Proeftijd
De proeftijd in een arbeidsovereenkomst
Zoals in feite de naam al aangeeft is de proeftijd een ´proef´periode voor zowel werkgever als werknemer om elkaar te leren kennen, vóór dat partijen voor langere tijd aan elkaar verbonden zijn. De werkgever wil uiteraard graag weten of de werknemer geschikt is voor de functie terwijl de werknemer aan de andere kant wil kijken of de werkzaamheden/de organisatie waarvoor en waar hij is aangenomen hem bevallen. De belangrijkste eigenschap van de proeftijd is dat zowel werkgever als werknemer zonder opgaaf van redenen en op welke wijze dan ook de arbeidsovereenkomst met onmiddellijke ingang kunnen opzeggen.
Er zijn wel een aantal voorwaarden waar u zich aan moet houden:
1. Schriftelijkheid.
Een proeftijd moet, om het beding geldig te laten zijn, schriftelijk worden overeengekomen. Dit kan in een arbeidsovereenkomst tussen een individuele werkgever en werknemer. Het is ook mogelijk om dit collectief in een CAO tussen werkgevers- en werknemersorganisaties in een bepaalde branche vast te leggen. Het advies is om de proeftijd bij het aangaan van de arbeidsovereenkomst of op het moment dat de werkzaamheden feitelijk aanvangen, schriftelijk vast te leggen.

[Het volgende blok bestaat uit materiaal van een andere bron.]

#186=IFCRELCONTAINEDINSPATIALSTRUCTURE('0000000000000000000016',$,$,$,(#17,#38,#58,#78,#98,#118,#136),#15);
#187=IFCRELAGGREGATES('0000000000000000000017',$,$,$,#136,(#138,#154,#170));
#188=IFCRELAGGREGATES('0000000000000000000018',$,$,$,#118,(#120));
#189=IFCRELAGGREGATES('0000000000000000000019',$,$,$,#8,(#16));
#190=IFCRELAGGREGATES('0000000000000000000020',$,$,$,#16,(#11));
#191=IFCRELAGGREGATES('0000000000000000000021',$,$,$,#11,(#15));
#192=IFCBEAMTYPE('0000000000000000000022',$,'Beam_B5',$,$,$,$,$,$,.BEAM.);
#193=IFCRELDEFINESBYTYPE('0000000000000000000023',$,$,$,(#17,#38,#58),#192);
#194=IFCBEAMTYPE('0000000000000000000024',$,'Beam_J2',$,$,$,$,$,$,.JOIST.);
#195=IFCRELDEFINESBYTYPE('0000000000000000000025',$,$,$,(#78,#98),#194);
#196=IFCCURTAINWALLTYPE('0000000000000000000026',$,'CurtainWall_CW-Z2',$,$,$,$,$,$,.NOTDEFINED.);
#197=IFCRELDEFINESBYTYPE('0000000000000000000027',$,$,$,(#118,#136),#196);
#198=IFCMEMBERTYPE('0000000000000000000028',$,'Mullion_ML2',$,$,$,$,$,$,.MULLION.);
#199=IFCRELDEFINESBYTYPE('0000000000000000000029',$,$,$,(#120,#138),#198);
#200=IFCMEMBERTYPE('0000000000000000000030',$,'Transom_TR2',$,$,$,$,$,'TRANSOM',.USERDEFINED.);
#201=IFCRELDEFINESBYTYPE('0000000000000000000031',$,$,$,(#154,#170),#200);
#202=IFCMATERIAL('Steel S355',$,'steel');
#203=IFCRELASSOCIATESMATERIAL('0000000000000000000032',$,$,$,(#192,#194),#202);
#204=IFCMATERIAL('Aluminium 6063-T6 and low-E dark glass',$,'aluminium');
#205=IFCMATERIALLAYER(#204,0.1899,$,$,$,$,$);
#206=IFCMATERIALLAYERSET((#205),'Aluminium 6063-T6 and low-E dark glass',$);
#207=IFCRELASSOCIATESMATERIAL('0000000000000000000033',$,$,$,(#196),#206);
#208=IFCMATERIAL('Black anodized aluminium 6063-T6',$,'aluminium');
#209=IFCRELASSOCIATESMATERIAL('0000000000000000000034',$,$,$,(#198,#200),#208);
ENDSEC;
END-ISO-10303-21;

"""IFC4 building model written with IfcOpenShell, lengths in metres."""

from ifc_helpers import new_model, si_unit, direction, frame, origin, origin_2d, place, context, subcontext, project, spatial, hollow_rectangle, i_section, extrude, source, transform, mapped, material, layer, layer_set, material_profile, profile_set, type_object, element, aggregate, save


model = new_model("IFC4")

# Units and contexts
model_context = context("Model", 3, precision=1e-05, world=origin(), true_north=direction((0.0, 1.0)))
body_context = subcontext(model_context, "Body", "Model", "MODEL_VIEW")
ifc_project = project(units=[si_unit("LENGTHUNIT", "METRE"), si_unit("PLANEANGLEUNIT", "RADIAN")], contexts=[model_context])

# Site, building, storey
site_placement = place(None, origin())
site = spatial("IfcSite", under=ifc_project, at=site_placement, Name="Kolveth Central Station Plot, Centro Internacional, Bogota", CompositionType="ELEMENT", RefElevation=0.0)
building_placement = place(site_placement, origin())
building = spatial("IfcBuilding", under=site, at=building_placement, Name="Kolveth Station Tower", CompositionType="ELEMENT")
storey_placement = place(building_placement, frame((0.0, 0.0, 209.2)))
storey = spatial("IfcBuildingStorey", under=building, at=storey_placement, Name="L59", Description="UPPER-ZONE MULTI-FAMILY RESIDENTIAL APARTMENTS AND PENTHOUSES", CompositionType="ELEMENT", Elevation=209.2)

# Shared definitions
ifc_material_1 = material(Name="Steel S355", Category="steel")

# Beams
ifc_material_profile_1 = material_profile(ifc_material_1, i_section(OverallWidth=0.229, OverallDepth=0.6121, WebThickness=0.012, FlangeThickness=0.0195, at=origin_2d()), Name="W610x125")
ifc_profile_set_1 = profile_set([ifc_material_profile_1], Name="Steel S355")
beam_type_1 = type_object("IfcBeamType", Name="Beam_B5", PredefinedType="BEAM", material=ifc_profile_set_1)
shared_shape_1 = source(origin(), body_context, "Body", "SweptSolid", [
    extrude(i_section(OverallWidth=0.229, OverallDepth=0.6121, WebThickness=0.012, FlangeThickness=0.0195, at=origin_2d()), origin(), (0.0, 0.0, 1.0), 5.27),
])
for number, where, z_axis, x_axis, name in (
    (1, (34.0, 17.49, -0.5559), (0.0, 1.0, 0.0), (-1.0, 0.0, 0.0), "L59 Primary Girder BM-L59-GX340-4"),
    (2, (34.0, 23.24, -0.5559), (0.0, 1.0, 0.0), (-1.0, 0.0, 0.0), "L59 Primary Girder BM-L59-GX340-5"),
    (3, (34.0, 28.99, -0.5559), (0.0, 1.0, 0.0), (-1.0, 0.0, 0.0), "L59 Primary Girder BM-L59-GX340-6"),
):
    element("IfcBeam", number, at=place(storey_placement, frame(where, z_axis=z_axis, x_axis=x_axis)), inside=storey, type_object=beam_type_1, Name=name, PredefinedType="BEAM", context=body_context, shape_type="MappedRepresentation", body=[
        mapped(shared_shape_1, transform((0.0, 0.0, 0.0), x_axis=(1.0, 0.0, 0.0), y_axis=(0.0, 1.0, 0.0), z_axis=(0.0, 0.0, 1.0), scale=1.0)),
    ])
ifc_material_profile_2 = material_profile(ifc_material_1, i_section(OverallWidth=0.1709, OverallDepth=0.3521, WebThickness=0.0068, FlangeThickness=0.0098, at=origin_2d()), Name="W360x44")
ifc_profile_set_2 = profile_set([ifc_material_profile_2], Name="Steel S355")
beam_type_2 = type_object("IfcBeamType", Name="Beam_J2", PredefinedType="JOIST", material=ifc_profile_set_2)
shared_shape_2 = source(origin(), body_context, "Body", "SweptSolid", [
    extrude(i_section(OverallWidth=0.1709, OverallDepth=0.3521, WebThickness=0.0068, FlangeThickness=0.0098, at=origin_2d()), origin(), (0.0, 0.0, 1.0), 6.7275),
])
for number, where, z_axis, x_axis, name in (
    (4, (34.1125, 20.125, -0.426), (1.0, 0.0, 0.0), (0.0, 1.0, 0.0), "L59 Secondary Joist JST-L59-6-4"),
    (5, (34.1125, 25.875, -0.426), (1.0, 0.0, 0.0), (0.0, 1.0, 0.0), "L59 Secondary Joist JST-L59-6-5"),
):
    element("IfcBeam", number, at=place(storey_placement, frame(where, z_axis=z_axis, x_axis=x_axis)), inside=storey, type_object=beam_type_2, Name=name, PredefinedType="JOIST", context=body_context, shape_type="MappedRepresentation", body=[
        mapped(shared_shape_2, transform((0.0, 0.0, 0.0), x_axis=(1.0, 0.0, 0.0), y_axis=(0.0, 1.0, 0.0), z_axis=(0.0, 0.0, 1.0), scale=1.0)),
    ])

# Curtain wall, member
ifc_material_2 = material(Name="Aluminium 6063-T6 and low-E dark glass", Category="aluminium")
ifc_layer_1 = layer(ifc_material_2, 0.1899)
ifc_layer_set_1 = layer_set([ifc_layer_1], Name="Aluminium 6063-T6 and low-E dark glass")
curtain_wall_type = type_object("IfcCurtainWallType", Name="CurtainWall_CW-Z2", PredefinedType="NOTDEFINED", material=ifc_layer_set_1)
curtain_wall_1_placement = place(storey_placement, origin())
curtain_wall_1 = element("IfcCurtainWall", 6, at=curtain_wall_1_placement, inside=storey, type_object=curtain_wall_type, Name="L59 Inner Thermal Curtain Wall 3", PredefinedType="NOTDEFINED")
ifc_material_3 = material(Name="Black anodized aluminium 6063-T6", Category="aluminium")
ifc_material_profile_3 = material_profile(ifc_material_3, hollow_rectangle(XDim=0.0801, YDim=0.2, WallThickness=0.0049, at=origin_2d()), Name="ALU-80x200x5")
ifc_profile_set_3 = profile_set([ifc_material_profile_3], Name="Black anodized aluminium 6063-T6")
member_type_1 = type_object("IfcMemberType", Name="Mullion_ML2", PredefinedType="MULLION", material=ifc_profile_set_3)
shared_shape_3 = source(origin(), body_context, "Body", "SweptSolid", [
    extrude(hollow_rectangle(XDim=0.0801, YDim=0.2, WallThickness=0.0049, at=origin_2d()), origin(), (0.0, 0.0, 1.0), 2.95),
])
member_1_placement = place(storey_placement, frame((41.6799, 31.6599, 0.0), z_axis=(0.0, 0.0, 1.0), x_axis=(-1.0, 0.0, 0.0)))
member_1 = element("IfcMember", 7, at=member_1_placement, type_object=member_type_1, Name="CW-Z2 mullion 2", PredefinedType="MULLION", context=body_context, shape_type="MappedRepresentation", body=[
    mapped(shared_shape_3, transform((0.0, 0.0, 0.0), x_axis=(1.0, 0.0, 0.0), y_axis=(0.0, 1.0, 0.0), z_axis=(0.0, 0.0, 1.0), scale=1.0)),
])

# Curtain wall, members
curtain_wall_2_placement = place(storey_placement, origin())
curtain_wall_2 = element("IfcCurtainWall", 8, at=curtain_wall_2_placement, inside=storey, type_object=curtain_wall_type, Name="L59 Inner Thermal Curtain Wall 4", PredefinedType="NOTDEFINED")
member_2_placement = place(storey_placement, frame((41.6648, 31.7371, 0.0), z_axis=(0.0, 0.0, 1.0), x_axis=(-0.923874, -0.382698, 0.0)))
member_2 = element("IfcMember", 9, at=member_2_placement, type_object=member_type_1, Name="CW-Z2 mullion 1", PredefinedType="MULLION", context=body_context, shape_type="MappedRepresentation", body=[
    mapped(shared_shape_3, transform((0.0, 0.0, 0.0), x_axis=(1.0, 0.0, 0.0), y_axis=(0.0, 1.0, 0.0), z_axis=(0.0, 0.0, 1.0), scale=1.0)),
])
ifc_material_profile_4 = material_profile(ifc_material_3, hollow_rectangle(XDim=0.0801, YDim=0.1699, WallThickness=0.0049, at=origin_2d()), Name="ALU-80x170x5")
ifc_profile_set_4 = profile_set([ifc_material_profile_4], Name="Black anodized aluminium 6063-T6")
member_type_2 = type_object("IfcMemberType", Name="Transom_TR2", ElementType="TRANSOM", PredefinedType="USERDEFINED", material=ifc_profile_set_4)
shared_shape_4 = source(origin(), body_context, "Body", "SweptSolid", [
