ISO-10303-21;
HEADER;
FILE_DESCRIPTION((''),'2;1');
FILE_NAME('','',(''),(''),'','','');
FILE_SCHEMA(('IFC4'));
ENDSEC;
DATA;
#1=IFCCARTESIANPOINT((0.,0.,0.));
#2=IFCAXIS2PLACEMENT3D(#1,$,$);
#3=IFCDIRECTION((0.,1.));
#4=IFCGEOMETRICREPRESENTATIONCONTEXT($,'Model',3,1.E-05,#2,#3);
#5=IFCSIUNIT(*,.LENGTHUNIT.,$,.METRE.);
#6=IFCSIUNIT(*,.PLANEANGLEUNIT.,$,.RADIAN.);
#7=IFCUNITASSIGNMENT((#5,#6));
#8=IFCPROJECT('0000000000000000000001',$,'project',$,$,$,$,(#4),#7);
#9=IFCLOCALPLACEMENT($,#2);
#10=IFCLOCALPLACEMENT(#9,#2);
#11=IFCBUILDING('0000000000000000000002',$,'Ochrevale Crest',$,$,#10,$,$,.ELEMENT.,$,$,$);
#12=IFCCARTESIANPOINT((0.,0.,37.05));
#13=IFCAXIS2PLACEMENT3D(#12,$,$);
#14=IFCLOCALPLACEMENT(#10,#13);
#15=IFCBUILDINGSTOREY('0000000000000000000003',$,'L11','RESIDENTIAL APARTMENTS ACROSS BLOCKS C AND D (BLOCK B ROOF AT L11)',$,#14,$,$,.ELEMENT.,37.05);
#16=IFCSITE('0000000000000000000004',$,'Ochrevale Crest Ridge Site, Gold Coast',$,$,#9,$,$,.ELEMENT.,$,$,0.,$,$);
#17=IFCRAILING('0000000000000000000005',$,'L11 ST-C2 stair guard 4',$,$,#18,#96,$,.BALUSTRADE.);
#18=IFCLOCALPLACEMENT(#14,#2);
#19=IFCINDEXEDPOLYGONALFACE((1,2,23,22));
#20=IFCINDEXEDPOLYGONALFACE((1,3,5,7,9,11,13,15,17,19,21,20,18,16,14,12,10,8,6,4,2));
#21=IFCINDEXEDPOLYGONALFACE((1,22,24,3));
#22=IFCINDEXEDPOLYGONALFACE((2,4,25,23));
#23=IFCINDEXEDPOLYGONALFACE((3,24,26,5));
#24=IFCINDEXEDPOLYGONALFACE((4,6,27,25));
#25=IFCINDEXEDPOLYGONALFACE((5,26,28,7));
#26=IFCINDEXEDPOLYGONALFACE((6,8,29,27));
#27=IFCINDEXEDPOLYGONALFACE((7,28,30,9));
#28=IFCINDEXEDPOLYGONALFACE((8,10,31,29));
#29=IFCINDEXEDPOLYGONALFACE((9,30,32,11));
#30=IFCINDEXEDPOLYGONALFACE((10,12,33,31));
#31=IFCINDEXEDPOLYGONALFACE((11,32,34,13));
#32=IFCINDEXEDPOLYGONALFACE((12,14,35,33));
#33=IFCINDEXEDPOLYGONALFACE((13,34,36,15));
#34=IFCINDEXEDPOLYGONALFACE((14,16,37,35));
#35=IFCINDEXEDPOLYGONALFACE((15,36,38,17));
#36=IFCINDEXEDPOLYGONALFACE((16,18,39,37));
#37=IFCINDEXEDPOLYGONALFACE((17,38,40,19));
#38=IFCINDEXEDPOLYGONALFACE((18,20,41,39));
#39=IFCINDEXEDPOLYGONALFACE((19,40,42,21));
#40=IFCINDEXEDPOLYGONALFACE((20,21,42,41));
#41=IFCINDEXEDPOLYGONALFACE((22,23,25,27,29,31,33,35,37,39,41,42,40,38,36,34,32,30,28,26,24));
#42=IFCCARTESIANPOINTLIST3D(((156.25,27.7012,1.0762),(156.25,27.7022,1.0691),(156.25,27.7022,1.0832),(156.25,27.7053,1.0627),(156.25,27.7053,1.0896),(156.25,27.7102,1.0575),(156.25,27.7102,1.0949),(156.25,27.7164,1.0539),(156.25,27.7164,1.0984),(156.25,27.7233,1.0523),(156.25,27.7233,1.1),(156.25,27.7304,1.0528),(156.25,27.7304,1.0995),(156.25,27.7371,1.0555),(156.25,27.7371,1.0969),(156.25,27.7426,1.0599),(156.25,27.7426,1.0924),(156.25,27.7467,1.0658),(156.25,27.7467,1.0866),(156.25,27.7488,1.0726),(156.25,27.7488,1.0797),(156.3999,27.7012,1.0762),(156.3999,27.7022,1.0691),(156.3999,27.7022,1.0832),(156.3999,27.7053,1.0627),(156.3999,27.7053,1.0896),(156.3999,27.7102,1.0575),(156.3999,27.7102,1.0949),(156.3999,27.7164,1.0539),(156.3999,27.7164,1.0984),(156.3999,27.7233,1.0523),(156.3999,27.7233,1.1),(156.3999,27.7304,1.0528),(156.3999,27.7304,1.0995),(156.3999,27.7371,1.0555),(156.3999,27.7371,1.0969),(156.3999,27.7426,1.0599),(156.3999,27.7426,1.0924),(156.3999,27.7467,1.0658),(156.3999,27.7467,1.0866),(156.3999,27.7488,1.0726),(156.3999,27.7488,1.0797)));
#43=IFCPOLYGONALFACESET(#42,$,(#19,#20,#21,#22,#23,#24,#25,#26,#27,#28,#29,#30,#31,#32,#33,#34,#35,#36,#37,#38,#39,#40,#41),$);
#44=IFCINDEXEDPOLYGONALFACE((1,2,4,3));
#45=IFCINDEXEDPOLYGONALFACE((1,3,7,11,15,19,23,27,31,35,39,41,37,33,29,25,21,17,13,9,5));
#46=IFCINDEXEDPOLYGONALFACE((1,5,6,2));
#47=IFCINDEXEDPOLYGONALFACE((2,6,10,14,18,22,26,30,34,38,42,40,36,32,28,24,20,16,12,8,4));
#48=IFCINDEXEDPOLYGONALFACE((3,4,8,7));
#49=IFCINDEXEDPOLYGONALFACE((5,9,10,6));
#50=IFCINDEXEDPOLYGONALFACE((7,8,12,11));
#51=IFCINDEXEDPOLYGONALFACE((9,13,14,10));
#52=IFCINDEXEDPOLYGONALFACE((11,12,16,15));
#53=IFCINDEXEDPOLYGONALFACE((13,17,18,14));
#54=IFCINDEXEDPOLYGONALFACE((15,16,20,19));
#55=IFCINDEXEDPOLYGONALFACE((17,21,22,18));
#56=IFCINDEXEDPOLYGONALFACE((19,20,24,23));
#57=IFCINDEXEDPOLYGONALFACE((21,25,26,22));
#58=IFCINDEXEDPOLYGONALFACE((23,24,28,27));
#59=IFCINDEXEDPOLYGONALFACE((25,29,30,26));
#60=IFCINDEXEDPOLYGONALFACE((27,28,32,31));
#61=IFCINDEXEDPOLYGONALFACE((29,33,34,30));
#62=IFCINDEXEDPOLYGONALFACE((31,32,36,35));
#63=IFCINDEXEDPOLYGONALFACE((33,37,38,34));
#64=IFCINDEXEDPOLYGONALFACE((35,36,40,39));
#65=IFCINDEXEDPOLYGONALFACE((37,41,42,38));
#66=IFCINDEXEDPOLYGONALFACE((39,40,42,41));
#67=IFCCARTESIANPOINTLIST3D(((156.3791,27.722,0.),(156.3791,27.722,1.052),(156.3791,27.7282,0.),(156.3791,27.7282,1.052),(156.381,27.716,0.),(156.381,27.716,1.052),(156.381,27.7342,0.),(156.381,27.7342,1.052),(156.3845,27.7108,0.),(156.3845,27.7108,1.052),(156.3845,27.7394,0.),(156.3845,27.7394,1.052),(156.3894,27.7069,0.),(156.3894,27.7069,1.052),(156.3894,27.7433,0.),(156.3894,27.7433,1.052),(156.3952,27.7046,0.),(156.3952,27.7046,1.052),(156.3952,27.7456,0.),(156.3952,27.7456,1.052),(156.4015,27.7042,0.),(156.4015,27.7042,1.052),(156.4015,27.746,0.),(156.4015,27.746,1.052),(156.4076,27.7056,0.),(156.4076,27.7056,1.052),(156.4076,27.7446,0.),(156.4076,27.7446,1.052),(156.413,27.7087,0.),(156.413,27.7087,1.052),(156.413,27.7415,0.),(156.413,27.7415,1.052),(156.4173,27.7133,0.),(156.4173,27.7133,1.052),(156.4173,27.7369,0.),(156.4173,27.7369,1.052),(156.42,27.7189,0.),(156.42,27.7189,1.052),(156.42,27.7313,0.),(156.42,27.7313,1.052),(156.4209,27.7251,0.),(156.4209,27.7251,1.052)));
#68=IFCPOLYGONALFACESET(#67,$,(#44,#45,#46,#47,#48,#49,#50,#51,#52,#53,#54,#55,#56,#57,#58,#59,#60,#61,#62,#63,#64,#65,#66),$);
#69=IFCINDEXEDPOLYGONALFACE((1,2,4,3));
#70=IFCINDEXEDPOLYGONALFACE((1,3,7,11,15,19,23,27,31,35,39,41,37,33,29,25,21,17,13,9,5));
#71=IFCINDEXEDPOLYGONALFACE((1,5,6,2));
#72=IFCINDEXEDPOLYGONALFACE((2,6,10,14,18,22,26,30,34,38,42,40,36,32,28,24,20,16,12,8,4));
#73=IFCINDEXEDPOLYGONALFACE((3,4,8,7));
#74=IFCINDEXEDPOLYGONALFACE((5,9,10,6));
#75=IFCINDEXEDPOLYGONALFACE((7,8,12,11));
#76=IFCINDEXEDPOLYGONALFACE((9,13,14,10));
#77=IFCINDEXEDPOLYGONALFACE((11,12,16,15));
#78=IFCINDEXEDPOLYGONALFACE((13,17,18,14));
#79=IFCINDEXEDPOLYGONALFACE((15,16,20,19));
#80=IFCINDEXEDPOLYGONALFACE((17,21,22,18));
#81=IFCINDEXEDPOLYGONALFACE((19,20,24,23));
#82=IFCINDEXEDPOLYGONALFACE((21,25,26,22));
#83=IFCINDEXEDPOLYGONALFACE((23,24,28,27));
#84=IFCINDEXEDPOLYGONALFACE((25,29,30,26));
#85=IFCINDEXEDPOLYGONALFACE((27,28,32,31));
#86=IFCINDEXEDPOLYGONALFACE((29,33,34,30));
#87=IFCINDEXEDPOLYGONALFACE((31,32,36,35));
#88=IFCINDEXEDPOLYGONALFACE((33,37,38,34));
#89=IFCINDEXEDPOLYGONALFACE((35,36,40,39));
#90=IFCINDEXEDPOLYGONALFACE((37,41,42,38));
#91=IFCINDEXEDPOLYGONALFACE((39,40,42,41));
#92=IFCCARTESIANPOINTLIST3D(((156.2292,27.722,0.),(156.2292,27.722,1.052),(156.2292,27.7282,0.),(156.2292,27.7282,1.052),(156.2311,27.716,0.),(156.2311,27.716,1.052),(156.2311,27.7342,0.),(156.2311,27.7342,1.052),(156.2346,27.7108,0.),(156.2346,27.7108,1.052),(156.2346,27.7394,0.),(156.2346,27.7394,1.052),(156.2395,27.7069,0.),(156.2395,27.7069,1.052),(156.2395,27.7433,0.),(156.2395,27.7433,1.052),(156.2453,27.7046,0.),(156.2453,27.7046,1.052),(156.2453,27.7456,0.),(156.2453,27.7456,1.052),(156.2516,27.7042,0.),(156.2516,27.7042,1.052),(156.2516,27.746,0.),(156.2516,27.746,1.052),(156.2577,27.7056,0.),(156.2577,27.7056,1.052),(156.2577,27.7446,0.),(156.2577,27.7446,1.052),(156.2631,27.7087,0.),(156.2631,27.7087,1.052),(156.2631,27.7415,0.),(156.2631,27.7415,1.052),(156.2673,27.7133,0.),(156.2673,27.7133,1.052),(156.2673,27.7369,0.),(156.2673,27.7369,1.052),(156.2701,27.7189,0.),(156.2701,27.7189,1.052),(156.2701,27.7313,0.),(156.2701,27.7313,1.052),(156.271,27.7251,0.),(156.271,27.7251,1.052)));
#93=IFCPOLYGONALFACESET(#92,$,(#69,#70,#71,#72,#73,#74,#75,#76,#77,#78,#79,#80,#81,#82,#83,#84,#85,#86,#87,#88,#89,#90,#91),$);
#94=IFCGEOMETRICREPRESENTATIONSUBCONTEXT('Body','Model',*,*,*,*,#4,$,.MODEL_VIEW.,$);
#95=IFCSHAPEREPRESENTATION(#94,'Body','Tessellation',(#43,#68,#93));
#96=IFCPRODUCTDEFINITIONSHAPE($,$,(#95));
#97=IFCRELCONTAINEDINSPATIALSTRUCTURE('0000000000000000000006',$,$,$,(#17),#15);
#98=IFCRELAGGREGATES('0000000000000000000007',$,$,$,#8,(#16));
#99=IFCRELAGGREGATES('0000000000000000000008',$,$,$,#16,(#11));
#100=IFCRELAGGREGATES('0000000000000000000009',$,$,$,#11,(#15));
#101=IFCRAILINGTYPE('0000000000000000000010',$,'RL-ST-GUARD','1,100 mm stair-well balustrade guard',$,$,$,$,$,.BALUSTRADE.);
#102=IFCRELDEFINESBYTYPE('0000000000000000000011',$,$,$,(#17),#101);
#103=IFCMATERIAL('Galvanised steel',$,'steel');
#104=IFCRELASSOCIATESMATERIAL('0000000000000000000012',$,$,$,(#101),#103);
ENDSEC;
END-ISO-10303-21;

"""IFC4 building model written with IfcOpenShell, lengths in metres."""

from ifc_helpers import new_model, si_unit, direction, frame, origin, origin_2d, place, context, subcontext, project, spatial, circle, extrude, material, type_object, element, save


model = new_model("IFC4")

# Units and contexts
model_context = context("Model", 3, precision=1e-05, world=origin(), true_north=direction((0.0, 1.0)))
body_context = subcontext(model_context, "Body", "Model", "MODEL_VIEW")
ifc_project = project(units=[si_unit("LENGTHUNIT", "METRE"), si_unit("PLANEANGLEUNIT", "RADIAN")], contexts=[model_context])

# Site, building, storey
site_placement = place(None, origin())
site = spatial("IfcSite", under=ifc_project, at=site_placement, Name="Ochrevale Crest Ridge Site, Gold Coast", CompositionType="ELEMENT", RefElevation=0.0)
building_placement = place(site_placement, origin())
building = spatial("IfcBuilding", under=site, at=building_placement, Name="Ochrevale Crest", CompositionType="ELEMENT")
storey_placement = place(building_placement, frame((0.0, 0.0, 37.05)))
storey = spatial("IfcBuildingStorey", under=building, at=storey_placement, Name="L11", Description="RESIDENTIAL APARTMENTS ACROSS BLOCKS C AND D (BLOCK B ROOF AT L11)", CompositionType="ELEMENT", Elevation=37.05)

# Railing
ifc_material_1 = material(Name="Galvanised steel", Category="steel")
railing_type_1 = type_object("IfcRailingType", Name="RL-ST-GUARD", Description="1,100 mm stair-well balustrade guard", PredefinedType="BALUSTRADE", material=ifc_material_1)
railing_1_placement = place(storey_placement, frame((156.3999, 27.7251, 0.0)))
element("IfcRailing", 1, at=railing_1_placement, inside=storey, type_object=railing_type_1, Name="L11 ST-C2 stair guard 4", PredefinedType="BALUSTRADE", context=body_context, shape_type="SweptSolid", body=[
    extrude(circle(Radius=0.0239, at=origin_2d()), frame((0.0, 0.0, 1.0762), z_axis=(-1.0, 0.0, 0.0), x_axis=(0.0, -1.0, 0.0)), (0.0, 0.0, 1.0), 0.1499),
    extrude(circle(Radius=0.021, at=origin_2d()), origin(), (0.0, 0.0, 1.0), 1.052),
    extrude(circle(Radius=0.021, at=origin_2d()), frame((-0.1499, 0.0, 0.0)), (0.0, 0.0, 1.0), 1.052),
])

save(model, "model.ifc")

Let op: het is dan wel mogelijk dat de werkgever de arbeidsovereenkomst met onmiddellijke ingang kan opzeggen. Dit is mogelijk vóórdat de werknemer daadwerkelijk begonnen is met werken en de proeftijd is gestart. Aan de andere kant moet een werkgever er ook op bedacht zijn dat een proeftijd begint te lopen vanaf het moment dat de werknemer feitelijk met zijn werkzaamheden begint. Als de werknemer dan ook eerder begint met zijn werk dan de datum dat in de arbeidsovereenkomst is vastgelegd, dan kan het zomaar gebeuren dat de proeftijd feitelijk al is afgelopen terwijl dat op papier nog niet het geval is. Als de werkgever dan uitgaat van de data zoals deze zijn vastgelegd in de arbeidsovereenkomst, dan kan een proeftijdontslag ´te laat´ zijn gegeven en daarmee niet geldig. Het gevolg is dat de werkgever vast zit aan het onderliggende contract.

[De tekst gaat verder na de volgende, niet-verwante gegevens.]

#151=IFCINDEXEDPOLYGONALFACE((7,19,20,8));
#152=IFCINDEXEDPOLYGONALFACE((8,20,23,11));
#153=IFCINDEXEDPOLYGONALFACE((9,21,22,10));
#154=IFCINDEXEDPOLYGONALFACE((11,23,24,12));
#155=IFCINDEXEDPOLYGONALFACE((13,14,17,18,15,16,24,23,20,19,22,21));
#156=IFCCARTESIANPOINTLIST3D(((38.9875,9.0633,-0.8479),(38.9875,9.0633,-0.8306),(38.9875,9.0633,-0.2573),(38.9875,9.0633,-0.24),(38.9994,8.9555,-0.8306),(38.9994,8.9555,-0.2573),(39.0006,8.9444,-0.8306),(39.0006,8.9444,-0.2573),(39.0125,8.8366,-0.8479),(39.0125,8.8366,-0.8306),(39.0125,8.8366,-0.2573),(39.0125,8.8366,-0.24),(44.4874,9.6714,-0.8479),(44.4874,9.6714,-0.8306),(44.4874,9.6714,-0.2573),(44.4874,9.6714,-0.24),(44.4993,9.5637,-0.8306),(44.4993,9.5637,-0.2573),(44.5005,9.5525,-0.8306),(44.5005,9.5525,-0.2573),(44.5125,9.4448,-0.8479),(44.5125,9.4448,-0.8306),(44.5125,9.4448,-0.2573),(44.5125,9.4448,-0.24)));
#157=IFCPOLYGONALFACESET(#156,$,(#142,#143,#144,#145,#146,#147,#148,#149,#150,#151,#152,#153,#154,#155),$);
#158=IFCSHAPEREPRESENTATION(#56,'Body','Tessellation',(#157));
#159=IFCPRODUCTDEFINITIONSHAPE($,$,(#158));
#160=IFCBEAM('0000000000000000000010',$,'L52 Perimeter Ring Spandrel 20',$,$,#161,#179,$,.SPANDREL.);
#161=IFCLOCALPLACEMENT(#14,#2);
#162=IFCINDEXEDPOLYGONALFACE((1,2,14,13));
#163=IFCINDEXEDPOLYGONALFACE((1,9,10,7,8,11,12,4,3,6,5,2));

2. De duur van de proeftijd.
a. arbeidsovereenkomst voor onbepaalde tijd: maximaal twee maanden proeftijd;
b. arbeidsovereenkomst voor bepaalde tijd van maximaal zes maanden: er mag géén proeftijd worden afgesproken;
c. arbeidsovereenkomst voor bepaalde tijd van meer dan zes maanden maar minder dan 2 jaren: maximaal één maand proeftijd mogelijk;
d. arbeidsovereenkomst langer dan 2 jaren: twee maanden proeftijd mogelijk;
e. arbeidsovereenkomst voor bepaalde tijd niet op een kalenderdatum gesteld: er kan een proeftijd van maximaal een maand worden overeengekomen.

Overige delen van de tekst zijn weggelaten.